The coordinates for Ang Mo Kio Station are latitude 1.3698269, longitude 103.8494387.


In [6]:
# get first row of data
row = test_data.iloc[0]

# create function to get distance from HDB flat to MRT using Google Maps Distance Matrix API
def get_distance(row, station_name):
    lat, lon = row['coordinates']
    mrt_lat, mrt_lon = get_station_coordinates(station_name)
    result = gmaps.distance_matrix((lat, lon), (mrt_lat , mrt_lon), mode="transit")
    return result

print(get_distance(row, 'Ang Mo Kio Station'))

{'destination_addresses': ['2795 Ang Mo Kio Ave 8, Singapore 569812'], 'origin_addresses': ['626 Ang Mo Kio Ave 4, Block 626, Singapore 560626'], 'rows': [{'elements': [{'distance': {'text': '2.6 km', 'value': 2606}, 'duration': {'text': '23 mins', 'value': 1357}, 'status': 'OK'}]}], 'status': 'OK'}


Next, we test out other services (libraries/APIs) to see if it is able to achieve the same effect as Google Maps Distance Matrix API.

In [7]:
# trying out Haversine Library
from haversine import haversine, Unit

start_lat, start_lon = row['coordinates']
end_lat, end_lon = get_station_coordinates('Ang Mo Kio Station')
# convert the above coordinates to float
start_lat, start_lon = float(start_lat), float(start_lon)
end_lat, end_lon = float(end_lat), float(end_lon)
distance = haversine((start_lat, start_lon), (end_lat, end_lon), unit=Unit.KILOMETERS)

print(distance) 

1.6520890761964901


In [8]:
from pyproj import Geod

geod = Geod(ellps='WGS84')
# calculate the distance
angle1, angle2, distance = geod.inv(start_lon, start_lat, end_lon, end_lat)

print(f"Distance: {distance / 1000} kilometers")

Distance: 1.6477967640452793 kilometers


Using GeoPandas and Shapely (for geometric objects):

In [11]:
def calculate_geospatial_distance(lat1, lon1, lat2, lon2):
    # Create GeoSeries from the points
    point1 = gpd.GeoSeries([Point(lon1, lat1)], crs="EPSG:4326")
    point2 = gpd.GeoSeries([Point(lon2, lat2)], crs="EPSG:4326")
    
    # Reproject to a CRS that uses meters as distance units (e.g., World Mercator)
    point1 = point1.to_crs("EPSG:3395")
    point2 = point2.to_crs("EPSG:3395")
    
    # Calculate the distance between the points
    distance = point1.distance(point2).iloc[0]  # distance in meters
    
    return distance/1000

print(calculate_geospatial_distance(start_lat, start_lon, end_lat, end_lon))

1.6482684524315863


Using OpenRouteService API:

In [9]:
load_dotenv()
API_KEY_2 = os.getenv("OPEN_ROUTE_SERVICE_API_KEY")

# Create the URL for the Directions API
url = 'https://api.openrouteservice.org/v2/directions/driving-car'

params = {
    'api_key': API_KEY_2,
    'start': f"{start_lon},{start_lat}",
    'end': f"{end_lon},{end_lat}"
}

# Make the request
response = requests.get(url, params=params)

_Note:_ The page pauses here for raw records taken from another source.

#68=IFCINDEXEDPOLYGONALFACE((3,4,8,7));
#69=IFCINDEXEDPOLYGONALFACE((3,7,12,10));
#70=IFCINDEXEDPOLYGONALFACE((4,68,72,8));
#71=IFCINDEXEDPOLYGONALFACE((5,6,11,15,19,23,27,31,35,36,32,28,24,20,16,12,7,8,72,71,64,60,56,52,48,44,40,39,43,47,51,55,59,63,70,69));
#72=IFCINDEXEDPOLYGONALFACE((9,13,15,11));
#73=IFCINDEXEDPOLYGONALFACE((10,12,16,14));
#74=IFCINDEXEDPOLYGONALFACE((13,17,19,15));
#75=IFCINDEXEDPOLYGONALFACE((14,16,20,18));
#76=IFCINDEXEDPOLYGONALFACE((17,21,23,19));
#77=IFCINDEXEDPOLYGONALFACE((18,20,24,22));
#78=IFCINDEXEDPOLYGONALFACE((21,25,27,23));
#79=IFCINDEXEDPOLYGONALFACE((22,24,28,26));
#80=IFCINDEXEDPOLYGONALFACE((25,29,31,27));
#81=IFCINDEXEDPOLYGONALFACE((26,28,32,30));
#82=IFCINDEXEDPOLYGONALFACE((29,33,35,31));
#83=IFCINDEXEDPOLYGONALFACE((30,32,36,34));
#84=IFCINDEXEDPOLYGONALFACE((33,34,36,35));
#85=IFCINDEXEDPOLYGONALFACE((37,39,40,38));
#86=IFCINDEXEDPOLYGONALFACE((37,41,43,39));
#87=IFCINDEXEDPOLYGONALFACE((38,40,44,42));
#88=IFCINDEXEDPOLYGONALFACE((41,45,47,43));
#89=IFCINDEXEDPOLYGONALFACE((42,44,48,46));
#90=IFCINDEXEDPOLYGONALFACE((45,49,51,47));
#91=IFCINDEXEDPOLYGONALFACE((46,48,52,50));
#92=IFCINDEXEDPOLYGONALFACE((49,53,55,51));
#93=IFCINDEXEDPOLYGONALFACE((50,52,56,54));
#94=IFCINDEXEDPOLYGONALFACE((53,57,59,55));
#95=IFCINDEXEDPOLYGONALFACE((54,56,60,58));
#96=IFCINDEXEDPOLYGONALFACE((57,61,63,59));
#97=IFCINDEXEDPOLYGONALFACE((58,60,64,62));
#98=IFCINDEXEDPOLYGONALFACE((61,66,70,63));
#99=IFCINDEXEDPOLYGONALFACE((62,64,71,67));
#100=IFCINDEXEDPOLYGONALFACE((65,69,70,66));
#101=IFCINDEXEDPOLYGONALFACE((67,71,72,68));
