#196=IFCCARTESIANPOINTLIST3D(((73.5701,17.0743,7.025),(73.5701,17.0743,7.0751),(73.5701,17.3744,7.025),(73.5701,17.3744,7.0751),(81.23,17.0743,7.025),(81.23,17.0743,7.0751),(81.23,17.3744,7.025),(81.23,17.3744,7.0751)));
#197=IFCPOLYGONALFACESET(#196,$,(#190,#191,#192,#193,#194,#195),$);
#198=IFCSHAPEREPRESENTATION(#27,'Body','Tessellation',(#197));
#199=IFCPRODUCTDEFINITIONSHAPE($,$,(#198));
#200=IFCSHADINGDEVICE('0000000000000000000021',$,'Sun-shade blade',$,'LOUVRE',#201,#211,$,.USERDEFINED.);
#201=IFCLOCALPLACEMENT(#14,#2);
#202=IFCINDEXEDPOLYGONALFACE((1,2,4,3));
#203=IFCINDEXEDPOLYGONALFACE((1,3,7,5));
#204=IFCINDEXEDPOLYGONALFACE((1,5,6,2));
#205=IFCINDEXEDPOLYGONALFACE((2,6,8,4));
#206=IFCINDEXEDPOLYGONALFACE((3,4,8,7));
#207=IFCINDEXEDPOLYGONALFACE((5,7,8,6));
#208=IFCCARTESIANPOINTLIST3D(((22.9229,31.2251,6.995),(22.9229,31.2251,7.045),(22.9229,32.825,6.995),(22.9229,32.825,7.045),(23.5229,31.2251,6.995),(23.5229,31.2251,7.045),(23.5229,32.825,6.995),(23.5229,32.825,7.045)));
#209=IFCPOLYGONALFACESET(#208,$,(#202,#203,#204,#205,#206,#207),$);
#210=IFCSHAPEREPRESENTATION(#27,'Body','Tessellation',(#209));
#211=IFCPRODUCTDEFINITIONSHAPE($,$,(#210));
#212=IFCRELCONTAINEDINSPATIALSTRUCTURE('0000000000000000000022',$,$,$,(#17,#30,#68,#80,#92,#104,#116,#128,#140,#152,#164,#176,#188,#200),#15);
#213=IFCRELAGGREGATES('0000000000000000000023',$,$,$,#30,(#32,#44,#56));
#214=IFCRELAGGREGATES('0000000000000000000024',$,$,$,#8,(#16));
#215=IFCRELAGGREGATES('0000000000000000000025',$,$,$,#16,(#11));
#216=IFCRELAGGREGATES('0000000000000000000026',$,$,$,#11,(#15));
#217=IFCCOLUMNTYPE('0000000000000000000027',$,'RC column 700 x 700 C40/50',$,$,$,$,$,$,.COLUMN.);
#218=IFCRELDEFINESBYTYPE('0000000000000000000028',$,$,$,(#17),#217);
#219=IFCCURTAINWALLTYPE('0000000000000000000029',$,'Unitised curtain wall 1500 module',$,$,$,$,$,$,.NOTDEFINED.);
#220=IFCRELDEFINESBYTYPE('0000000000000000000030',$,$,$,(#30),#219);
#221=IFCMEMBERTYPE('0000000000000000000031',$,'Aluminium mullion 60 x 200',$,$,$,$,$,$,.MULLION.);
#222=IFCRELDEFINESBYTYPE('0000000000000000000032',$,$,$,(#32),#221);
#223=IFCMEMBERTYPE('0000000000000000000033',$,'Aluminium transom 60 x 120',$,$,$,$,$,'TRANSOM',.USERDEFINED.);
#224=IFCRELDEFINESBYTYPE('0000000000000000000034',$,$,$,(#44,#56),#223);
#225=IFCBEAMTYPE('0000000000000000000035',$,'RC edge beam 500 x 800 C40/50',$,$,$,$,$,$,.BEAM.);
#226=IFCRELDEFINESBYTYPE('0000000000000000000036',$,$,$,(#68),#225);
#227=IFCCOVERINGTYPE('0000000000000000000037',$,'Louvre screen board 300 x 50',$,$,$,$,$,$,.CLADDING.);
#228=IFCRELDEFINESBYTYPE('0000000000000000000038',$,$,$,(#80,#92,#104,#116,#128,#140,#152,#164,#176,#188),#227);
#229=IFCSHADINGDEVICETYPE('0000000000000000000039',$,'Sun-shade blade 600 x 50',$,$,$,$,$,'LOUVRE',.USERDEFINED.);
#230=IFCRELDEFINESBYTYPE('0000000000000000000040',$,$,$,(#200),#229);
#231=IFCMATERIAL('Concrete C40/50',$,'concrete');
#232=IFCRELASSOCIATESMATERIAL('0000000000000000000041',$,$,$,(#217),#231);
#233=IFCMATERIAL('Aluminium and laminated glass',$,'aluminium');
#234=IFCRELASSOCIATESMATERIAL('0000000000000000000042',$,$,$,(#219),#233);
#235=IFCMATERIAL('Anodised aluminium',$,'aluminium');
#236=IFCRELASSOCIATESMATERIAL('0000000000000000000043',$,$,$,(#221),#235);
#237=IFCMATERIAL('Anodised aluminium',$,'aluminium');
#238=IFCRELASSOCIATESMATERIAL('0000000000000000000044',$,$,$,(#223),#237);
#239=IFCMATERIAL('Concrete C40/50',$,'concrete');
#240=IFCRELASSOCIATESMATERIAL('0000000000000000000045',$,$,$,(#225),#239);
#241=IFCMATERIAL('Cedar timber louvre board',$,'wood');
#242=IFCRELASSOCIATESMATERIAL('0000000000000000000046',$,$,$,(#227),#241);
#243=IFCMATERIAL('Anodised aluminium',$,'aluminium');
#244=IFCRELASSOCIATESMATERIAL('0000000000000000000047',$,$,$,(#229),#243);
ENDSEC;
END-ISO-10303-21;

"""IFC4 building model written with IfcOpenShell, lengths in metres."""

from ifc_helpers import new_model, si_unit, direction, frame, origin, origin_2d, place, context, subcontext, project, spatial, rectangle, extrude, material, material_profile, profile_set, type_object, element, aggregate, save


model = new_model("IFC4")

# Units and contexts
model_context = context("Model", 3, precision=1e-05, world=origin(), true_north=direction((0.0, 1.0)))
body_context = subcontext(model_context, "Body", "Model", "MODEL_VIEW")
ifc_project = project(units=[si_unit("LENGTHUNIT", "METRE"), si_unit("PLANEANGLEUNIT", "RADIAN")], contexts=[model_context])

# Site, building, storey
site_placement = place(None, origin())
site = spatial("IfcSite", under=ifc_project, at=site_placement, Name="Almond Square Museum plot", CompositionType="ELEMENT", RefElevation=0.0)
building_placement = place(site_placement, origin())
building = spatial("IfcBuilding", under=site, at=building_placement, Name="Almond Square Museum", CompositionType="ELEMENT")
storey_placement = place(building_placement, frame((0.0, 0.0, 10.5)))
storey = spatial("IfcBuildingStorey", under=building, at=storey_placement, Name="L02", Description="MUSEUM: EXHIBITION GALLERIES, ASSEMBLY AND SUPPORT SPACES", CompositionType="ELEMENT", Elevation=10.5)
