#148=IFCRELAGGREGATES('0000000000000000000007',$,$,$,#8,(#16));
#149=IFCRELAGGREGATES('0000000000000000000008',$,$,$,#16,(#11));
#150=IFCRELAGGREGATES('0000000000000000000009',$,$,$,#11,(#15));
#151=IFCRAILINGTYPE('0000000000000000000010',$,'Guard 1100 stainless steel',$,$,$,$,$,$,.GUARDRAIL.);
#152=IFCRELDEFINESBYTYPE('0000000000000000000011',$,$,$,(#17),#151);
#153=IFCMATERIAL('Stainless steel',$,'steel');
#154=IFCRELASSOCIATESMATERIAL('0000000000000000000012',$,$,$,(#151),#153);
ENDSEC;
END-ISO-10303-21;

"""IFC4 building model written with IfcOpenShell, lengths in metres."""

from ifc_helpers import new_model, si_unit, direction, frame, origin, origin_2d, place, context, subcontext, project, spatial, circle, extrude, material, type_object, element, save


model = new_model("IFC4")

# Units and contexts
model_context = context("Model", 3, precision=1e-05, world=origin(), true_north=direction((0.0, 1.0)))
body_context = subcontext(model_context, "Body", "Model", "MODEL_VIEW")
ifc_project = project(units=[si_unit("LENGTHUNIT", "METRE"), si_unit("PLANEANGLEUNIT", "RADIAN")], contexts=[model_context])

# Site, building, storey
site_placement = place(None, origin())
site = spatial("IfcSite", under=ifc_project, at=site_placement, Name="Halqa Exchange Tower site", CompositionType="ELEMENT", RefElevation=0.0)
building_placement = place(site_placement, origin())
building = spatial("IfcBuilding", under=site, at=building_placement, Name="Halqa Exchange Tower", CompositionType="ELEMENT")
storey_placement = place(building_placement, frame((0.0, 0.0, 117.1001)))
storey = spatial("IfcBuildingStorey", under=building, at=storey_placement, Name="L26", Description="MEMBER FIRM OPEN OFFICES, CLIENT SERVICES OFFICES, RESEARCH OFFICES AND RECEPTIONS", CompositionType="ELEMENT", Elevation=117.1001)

# Check if the request was successful
if response.status_code == 200:
    # Parse the JSON response
    data = response.json()
    
    # Extract the distance from the response (in meters)
    distance = data['features'][0]['properties']['segments'][0]['distance']
    
    # Print the distance
    print(f"Distance: {distance / 1000} km")  # Convert meters to kilometers
else:
    print("Failed to retrieve data", response.status_code)

Distance: 2.1437 km


From the above, OpenRouteService provides the closest result to Google Map's DistanceMatrix as compared to `haversine` and `pyproj` libraries, since OpenRouteService incorporates geospatial context.

However, due to the limitations of limited API requests, we can use GeoPandas and Shapely as potential alternatives.